Historic district in Arkansas, United States

The Camden Expedition Sites is a National Historic Landmark (NHL) site consisting of nine nationally significant historic places in southwest Arkansas where events of the Union army's disastrous Camden Expedition of 1864 occurred during the American Civil War. The Union was attempting to take over Shreveport, Louisiana. Each of the sites are individually listed on the National Register of Historic Places. It was designated a NHL site on April 19, 1994.

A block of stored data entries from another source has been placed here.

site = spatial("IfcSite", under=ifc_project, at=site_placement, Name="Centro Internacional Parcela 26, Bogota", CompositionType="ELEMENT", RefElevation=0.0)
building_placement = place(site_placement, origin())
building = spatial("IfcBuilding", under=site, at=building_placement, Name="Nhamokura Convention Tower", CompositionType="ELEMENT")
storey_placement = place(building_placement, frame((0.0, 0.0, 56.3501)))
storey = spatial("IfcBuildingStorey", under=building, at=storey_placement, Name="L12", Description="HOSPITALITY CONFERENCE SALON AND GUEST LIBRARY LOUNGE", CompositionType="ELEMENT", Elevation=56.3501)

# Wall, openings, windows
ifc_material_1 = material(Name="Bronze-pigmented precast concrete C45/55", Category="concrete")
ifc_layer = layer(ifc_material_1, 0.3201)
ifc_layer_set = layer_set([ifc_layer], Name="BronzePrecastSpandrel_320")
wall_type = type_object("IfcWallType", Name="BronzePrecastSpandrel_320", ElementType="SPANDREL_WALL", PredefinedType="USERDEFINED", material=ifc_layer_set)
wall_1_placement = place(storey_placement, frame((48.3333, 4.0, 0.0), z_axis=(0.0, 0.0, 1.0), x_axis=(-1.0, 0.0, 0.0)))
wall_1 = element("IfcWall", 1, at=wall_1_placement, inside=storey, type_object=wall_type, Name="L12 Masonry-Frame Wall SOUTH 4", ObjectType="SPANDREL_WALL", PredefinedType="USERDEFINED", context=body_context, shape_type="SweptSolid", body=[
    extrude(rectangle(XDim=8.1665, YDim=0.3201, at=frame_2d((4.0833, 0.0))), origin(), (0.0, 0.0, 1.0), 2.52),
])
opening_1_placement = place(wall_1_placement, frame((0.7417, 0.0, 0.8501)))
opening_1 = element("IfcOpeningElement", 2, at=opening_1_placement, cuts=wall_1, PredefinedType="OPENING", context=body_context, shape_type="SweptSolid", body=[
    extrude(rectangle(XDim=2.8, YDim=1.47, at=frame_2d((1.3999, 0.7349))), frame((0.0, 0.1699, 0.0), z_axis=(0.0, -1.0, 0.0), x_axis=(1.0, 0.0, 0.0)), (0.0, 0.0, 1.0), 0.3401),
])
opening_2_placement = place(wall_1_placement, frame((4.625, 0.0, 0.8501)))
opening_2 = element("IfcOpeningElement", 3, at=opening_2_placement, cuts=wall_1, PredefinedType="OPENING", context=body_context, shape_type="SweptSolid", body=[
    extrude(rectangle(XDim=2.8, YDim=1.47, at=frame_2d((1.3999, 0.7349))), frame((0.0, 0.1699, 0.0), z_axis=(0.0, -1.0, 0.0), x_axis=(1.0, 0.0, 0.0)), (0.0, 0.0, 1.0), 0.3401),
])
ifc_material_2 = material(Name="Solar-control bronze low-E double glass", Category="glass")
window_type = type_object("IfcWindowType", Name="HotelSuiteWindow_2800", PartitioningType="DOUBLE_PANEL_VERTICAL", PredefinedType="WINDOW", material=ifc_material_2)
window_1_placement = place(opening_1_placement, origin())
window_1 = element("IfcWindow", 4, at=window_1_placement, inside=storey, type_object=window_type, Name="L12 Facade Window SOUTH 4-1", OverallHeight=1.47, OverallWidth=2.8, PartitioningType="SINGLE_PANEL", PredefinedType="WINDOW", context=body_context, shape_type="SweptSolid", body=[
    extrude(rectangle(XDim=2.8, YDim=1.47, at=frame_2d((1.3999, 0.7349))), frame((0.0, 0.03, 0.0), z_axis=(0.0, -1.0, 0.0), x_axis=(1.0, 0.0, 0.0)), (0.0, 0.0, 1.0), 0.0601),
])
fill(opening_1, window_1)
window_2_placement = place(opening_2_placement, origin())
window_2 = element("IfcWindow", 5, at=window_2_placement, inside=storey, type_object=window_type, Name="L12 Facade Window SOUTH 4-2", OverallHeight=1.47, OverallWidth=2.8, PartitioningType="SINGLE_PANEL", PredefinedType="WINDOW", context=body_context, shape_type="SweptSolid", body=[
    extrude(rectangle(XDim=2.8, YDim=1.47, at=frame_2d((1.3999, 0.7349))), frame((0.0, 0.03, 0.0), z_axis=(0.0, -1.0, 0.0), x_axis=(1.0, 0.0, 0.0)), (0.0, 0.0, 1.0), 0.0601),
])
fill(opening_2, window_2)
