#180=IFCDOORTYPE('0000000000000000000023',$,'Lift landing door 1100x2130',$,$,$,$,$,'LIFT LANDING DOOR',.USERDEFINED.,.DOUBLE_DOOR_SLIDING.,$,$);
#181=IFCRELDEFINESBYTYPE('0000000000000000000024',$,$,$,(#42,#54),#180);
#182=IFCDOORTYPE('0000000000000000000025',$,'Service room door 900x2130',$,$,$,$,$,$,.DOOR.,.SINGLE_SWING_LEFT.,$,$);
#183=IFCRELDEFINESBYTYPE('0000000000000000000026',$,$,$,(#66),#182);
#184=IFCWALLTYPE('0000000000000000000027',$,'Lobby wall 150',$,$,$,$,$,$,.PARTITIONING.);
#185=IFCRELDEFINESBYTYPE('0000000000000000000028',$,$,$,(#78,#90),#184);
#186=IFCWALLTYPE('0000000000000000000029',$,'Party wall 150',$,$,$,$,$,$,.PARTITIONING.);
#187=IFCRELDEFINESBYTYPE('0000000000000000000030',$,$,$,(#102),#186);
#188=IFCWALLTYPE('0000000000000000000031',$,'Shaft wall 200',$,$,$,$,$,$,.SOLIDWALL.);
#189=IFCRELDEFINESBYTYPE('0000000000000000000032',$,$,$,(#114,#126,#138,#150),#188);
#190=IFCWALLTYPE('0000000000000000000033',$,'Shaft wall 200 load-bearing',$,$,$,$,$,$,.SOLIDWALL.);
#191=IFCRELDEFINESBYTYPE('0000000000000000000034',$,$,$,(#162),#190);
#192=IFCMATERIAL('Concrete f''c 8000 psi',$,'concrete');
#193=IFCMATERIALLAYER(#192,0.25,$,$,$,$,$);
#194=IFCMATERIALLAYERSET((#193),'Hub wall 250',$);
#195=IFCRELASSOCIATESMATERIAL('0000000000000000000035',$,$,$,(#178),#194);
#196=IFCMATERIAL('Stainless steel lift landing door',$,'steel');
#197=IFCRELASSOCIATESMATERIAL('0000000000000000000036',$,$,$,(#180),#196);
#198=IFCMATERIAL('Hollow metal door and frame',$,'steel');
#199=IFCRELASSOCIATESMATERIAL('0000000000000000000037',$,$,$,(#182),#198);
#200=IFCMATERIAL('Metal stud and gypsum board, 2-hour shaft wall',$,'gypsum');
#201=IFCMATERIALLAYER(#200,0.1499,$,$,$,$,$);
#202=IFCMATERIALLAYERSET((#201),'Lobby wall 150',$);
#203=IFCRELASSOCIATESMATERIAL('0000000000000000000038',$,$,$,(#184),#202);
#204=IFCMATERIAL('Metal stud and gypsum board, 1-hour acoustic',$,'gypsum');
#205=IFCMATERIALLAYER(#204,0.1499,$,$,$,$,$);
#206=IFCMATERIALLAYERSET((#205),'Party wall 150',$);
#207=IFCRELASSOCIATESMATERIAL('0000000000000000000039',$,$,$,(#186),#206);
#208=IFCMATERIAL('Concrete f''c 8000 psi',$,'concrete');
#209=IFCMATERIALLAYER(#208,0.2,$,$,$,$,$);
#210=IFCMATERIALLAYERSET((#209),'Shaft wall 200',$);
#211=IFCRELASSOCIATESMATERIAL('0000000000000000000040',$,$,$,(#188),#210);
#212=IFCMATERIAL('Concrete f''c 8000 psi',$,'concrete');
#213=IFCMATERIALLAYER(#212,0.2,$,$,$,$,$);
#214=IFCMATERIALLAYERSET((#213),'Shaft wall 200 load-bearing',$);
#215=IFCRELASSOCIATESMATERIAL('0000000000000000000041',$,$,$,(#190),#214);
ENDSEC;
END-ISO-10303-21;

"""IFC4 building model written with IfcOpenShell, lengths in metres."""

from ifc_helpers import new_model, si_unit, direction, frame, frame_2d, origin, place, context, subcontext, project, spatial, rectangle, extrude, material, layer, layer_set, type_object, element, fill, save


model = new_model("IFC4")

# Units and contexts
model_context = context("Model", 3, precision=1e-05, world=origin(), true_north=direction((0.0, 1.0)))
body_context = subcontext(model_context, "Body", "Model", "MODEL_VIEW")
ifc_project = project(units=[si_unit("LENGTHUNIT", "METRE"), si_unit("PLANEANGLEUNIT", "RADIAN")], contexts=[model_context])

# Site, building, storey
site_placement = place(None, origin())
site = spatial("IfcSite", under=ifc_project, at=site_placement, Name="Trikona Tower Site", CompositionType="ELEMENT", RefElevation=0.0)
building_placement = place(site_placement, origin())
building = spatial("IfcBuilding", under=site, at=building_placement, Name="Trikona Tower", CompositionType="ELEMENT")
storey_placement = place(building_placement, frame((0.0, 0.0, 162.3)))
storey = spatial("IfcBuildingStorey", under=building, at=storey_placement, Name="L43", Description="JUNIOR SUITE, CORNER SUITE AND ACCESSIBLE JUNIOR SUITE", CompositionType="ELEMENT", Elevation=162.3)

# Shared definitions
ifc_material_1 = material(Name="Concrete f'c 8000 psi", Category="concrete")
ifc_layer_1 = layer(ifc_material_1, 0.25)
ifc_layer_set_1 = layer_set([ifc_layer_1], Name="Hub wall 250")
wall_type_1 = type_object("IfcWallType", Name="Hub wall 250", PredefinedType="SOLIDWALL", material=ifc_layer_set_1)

The National Park Service (NPS) nomination refers to nine sites, yet only eight of them are listed by name. The nomination fully describes the eight sites. The Arkansas Historic Preservation Program website includes the Old U.S. Arsenal in Little Rock, where the expedition started, in the designation. The photos accompanying the NPS nomination include images of the arsenal as well as the other eight sites.

==Description and history==

The Camden Expedition of 1864 was part of a two-pronged strategy by the Union to drive Confederate resistance from southwestern Arkansas and northern Louisiana, and to penetrate into Confederate Texas. Major-General Frederick Steele led a Union force from Little Rock on March 23, 1864, with the objective of joining forces with Union Major-General Nathaniel P. Banks at Shreveport, Louisiana.

Confederate forces in Arkansas were directed from Washington, Arkansas, where the state Confederate government had relocated after the fall of Little Rock to the Union. Confederate Major-General Sterling Price ordered Brigadier General John S. Marmaduke to harry the Union column and to prevent it from crossing the Little Missouri River as it moved toward Washington. Advance Union forces established a beachhead on the south side of the Little Missouri on April 3, and clashed with Confederate defenders in the Battle of Elkin's Ferry. The outnumbered Confederates were forced to withdraw. General Price established a defensive position, lightly fortified by earthworks, on the road between Elkin's Ferry and Washington at the western edge of the sparsely populated Prairie d'Âne, a roughly circular area of prairie surrounded by woodlands.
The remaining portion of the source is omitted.